Decadal to interdecadal timescale variability in the Pacific region, commonly referred to as the Pacific Decadal Oscillation (PDO), is studied in this research using analytical and numerical models. A coupled analytical model is formulated to analyze the physical mechanism of both PDO and ENSO. It has the equatorial $\beta-$plane dynamics of a reduced-gravity model coupled with wind stress of fixed spatial patterns. The amplitude of the latter is proportional to sea surface temperature (SST) anomaly in the eastern equatorial Pacific. The SST anomaly is governed by a simple thermal dynamic equation used for ENSO modeling. The analytical eigen solutions are solved.
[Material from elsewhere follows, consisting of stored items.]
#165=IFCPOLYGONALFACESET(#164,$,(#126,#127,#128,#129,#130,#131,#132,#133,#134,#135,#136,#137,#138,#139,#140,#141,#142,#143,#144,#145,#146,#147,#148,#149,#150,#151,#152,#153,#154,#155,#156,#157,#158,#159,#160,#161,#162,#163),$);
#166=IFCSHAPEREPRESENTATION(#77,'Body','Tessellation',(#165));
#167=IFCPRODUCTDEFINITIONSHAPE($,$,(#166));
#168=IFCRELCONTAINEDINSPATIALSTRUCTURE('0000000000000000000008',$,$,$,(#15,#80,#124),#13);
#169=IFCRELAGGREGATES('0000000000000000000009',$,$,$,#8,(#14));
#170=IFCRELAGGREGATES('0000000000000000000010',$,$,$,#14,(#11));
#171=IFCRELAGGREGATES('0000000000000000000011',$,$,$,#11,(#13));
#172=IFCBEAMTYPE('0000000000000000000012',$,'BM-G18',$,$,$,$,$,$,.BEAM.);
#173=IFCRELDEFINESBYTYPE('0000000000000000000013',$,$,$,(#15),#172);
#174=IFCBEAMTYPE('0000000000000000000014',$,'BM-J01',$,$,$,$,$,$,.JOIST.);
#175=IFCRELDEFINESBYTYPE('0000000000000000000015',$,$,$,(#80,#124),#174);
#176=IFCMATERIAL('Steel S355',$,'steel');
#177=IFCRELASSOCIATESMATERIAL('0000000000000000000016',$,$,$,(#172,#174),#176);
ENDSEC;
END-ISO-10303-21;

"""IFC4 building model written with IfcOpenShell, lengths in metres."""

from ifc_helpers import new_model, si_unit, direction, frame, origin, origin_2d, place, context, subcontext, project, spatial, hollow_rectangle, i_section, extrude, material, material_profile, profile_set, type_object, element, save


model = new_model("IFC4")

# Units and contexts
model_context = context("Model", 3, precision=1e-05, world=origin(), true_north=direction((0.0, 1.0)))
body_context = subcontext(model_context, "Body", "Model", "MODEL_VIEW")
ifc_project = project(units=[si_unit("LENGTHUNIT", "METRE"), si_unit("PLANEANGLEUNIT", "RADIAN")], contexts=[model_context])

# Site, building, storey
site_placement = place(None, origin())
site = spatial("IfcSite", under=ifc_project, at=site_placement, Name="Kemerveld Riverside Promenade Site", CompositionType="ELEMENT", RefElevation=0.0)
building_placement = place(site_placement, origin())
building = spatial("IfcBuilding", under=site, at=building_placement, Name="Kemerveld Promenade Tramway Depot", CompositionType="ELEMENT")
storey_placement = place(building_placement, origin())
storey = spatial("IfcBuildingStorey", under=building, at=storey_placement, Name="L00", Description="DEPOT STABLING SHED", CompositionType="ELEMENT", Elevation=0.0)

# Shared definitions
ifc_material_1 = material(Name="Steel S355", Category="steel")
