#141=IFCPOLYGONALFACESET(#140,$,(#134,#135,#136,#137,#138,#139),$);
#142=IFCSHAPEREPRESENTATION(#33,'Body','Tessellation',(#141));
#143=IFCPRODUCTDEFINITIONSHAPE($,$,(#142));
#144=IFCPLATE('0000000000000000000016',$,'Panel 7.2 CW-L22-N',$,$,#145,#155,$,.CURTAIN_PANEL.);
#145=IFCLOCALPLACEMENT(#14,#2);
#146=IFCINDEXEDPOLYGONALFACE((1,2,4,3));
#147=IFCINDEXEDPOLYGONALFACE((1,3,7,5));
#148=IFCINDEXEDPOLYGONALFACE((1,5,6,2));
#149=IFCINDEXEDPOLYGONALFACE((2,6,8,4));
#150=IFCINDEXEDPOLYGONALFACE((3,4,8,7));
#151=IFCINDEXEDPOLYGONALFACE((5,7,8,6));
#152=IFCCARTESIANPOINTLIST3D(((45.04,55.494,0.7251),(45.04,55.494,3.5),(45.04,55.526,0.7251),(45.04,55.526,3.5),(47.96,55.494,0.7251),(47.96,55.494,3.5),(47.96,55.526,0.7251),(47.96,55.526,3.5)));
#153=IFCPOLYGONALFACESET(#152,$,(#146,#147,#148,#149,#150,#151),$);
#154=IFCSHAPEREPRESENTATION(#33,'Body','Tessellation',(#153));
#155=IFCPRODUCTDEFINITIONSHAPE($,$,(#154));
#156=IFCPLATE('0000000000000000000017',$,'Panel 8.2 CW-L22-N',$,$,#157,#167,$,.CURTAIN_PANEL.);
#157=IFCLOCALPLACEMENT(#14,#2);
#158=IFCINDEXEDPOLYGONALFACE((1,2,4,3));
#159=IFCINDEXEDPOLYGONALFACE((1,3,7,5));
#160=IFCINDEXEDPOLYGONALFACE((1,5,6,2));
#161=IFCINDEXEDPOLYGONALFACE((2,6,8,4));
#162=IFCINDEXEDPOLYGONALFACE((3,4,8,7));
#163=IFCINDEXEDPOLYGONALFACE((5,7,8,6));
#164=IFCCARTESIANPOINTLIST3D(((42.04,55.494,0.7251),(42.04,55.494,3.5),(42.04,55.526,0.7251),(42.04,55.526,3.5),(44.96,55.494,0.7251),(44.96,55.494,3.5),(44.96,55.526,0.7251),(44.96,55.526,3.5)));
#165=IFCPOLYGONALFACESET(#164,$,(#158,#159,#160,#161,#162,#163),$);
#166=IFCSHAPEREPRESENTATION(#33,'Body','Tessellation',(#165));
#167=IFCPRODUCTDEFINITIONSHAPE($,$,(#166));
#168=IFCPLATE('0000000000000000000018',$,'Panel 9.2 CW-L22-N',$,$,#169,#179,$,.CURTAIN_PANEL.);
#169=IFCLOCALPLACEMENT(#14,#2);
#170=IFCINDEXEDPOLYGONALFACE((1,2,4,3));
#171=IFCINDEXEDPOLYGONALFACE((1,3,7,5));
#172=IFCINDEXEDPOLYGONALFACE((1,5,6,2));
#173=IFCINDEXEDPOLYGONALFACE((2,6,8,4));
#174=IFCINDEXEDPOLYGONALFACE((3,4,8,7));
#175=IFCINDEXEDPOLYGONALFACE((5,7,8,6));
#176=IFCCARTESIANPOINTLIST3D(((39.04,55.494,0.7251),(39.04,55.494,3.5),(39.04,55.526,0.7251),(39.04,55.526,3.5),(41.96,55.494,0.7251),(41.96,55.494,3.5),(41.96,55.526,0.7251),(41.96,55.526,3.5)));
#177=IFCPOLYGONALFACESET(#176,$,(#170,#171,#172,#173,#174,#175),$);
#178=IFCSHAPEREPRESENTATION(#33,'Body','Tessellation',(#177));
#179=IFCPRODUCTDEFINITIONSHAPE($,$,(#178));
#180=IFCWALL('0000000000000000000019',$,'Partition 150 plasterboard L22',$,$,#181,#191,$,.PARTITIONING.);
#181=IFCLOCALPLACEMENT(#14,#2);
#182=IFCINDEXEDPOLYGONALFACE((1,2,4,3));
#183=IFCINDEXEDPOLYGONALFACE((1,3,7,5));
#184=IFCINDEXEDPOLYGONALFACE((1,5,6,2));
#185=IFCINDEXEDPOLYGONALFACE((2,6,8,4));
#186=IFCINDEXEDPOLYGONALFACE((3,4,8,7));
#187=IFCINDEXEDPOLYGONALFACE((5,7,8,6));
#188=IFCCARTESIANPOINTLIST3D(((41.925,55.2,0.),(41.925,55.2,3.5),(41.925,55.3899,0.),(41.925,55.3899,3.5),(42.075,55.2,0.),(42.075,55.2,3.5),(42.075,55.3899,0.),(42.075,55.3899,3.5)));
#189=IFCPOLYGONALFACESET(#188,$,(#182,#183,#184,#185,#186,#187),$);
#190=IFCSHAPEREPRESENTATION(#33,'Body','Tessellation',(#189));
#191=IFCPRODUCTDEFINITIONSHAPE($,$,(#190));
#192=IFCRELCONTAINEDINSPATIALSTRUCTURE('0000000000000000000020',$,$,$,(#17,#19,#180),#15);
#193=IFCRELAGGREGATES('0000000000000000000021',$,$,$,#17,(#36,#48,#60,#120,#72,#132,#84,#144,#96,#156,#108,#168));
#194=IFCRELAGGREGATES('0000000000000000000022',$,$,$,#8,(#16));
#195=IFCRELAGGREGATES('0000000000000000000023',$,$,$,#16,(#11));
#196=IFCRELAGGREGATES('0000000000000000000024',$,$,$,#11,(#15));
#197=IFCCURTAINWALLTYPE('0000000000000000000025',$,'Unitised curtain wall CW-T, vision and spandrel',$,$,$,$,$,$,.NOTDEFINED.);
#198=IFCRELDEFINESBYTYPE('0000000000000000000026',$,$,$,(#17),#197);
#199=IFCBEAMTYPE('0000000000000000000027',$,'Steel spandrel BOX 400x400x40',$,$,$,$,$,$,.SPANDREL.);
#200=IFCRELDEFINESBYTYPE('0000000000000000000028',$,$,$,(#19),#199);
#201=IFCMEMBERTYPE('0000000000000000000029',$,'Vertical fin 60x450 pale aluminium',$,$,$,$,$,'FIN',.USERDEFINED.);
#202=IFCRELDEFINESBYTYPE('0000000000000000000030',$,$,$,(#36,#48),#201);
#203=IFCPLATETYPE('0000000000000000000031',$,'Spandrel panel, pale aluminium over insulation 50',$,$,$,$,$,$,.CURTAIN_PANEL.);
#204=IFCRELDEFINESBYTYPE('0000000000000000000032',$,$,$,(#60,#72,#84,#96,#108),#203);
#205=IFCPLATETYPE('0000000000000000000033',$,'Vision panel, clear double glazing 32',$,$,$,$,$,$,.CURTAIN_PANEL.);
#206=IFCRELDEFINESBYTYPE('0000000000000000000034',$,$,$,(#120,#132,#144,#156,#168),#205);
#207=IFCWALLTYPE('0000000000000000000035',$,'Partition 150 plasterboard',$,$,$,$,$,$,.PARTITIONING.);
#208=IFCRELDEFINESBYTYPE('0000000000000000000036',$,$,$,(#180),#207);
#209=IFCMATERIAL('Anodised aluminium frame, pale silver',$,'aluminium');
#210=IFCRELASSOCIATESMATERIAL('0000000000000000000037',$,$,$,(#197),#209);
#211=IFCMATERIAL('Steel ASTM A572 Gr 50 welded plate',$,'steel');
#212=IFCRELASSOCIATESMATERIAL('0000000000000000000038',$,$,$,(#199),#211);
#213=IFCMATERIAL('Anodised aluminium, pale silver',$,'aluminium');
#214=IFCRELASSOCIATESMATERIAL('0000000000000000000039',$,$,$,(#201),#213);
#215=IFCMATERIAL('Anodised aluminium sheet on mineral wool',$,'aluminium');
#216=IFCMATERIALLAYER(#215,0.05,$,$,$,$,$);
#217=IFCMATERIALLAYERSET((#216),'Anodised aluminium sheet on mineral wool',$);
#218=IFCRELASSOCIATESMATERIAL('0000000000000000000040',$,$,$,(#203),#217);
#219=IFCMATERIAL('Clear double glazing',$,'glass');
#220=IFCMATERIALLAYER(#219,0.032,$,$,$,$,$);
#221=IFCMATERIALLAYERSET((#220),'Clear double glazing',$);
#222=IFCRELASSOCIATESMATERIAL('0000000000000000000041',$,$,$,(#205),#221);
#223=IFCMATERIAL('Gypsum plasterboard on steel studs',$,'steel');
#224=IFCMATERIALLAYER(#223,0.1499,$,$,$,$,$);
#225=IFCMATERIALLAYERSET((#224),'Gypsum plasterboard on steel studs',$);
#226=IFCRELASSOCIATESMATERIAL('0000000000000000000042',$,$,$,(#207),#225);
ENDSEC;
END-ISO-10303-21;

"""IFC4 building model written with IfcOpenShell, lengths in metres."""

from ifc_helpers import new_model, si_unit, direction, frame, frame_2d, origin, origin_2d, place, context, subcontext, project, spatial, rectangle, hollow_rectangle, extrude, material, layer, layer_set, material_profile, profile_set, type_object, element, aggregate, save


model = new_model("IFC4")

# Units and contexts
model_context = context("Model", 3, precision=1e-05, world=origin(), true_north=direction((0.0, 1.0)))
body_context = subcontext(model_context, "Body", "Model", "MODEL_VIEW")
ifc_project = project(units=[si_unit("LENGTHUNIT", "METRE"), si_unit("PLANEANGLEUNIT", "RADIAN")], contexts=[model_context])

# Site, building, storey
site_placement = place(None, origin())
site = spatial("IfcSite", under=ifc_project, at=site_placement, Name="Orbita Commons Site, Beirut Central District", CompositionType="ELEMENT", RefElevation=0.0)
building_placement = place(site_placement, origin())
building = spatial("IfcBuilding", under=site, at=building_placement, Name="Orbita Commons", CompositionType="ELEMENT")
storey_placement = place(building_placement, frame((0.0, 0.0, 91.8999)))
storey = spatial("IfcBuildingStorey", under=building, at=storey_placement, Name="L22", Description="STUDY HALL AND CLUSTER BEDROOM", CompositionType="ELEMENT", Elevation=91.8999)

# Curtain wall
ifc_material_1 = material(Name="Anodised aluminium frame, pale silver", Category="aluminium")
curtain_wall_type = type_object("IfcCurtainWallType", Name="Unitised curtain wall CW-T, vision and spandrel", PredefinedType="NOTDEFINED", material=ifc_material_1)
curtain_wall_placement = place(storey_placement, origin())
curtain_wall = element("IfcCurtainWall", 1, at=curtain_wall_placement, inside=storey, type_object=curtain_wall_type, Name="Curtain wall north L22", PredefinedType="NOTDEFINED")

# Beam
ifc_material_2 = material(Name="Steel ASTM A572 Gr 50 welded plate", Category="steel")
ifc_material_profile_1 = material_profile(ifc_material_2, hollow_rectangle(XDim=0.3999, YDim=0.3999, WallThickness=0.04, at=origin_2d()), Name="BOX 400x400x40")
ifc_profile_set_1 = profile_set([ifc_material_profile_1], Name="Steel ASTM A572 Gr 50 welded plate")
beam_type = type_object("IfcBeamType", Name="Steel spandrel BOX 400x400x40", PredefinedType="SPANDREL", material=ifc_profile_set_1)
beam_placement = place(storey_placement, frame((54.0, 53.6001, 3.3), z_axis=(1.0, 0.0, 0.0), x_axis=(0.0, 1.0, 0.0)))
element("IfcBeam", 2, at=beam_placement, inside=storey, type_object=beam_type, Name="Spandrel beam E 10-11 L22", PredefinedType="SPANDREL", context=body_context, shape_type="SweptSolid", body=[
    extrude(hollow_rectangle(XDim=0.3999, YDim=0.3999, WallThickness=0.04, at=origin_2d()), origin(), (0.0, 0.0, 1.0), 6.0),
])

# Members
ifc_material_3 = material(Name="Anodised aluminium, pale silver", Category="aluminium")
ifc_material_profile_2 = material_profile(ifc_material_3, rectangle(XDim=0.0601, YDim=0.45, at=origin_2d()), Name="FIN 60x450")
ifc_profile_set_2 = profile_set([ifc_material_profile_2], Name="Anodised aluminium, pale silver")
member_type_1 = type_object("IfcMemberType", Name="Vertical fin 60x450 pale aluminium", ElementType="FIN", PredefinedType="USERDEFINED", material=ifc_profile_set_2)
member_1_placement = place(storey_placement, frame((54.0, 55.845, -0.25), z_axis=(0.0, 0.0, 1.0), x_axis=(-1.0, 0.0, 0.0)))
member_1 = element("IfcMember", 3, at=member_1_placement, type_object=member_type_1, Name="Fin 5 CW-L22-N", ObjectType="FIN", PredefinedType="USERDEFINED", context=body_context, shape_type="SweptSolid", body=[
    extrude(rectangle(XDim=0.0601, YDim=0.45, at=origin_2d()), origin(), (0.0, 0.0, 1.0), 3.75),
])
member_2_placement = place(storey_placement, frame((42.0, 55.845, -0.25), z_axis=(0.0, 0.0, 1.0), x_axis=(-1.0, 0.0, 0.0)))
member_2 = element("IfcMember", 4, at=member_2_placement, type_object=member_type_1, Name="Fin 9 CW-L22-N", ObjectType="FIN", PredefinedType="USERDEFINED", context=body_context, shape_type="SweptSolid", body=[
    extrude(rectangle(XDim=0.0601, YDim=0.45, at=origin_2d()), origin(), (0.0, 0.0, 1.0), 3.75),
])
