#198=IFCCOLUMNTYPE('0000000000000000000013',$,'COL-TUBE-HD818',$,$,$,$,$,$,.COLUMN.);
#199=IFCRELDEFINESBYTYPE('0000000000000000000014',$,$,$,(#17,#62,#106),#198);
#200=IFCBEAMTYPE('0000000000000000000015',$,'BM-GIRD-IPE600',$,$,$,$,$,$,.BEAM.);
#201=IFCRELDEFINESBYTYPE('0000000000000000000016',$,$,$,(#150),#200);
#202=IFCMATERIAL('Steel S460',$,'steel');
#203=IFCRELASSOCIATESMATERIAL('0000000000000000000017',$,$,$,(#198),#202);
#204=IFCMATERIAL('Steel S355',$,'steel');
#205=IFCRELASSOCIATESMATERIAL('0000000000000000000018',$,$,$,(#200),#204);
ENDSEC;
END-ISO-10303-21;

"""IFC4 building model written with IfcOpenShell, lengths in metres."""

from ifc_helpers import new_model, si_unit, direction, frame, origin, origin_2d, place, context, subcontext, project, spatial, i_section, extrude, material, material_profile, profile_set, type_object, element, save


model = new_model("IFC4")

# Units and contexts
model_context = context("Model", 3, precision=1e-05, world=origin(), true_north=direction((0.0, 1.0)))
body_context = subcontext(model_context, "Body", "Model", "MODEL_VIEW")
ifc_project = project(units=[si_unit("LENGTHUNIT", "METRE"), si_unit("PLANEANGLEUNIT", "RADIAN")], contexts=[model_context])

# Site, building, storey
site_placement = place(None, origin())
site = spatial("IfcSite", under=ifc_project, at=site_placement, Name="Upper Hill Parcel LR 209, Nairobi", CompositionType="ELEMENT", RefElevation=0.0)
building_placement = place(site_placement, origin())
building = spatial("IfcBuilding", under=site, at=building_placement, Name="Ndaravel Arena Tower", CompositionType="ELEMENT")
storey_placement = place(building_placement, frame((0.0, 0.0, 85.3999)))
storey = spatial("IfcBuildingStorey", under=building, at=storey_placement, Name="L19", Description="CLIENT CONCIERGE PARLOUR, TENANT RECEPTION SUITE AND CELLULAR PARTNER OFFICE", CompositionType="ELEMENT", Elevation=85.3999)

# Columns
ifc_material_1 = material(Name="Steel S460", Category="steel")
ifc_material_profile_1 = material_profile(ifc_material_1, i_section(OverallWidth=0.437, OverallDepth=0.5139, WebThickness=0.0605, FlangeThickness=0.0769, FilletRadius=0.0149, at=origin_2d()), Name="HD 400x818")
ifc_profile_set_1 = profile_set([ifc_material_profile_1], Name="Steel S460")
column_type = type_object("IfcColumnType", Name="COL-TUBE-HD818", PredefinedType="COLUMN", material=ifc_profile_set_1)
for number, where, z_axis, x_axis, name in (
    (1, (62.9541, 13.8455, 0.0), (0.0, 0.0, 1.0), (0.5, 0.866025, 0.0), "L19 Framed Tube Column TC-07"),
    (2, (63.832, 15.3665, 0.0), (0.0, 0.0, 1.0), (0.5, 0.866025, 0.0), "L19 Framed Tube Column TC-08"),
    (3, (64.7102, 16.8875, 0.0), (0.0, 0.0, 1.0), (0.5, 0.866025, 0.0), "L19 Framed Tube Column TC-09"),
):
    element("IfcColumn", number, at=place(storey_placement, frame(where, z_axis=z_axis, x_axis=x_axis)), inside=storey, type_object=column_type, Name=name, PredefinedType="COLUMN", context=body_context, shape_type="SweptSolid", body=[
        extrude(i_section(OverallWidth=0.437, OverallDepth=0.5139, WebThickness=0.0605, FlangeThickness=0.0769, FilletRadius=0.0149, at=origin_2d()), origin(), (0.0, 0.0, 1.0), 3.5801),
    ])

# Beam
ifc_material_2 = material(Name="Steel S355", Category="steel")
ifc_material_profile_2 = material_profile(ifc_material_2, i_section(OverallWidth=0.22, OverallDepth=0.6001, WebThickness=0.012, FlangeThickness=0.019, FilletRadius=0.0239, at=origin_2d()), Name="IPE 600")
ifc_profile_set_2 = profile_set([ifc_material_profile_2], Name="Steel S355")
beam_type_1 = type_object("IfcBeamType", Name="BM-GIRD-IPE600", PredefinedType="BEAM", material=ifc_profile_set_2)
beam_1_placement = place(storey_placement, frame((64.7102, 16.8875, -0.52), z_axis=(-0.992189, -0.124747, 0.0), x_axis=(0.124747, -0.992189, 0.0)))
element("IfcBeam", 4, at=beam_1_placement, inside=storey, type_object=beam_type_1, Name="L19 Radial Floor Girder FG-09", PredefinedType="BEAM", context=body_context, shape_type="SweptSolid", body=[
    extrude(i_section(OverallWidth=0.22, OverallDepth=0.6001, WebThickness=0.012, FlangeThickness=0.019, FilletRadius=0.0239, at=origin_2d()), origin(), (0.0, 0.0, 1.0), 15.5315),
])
We find that when a warm SST is coupled with cyclonic wind stress patterns in the eastern subtropical Pacific, an oscillation with timescale around 10-15 years could be generated. In contrast, when a warm SST is coupled with only a westerly wind stress in the central equatorial Pacific, an ENSO-like oscillation could be generated with timescale around 3-5 years. The PDO may be understood as a weakly coupled decadal recharge oscillator similar to the recharge oscillator dynamics of ENSO. Sensitivity of these two kinds of coupled modes to different parameters is tested. Numerical integrations with the reduced-gravity shallow-water model in a rectangular basin and a similar coupled framework confirm the results of the analytical model.

A hybrid coupled model, which couples an oceanic general circulation model with a statistical atmospheric model, is currently used to test the relevant hypotheses of PDO in a more realistic modelling framework. The progress along this direction will also be reported.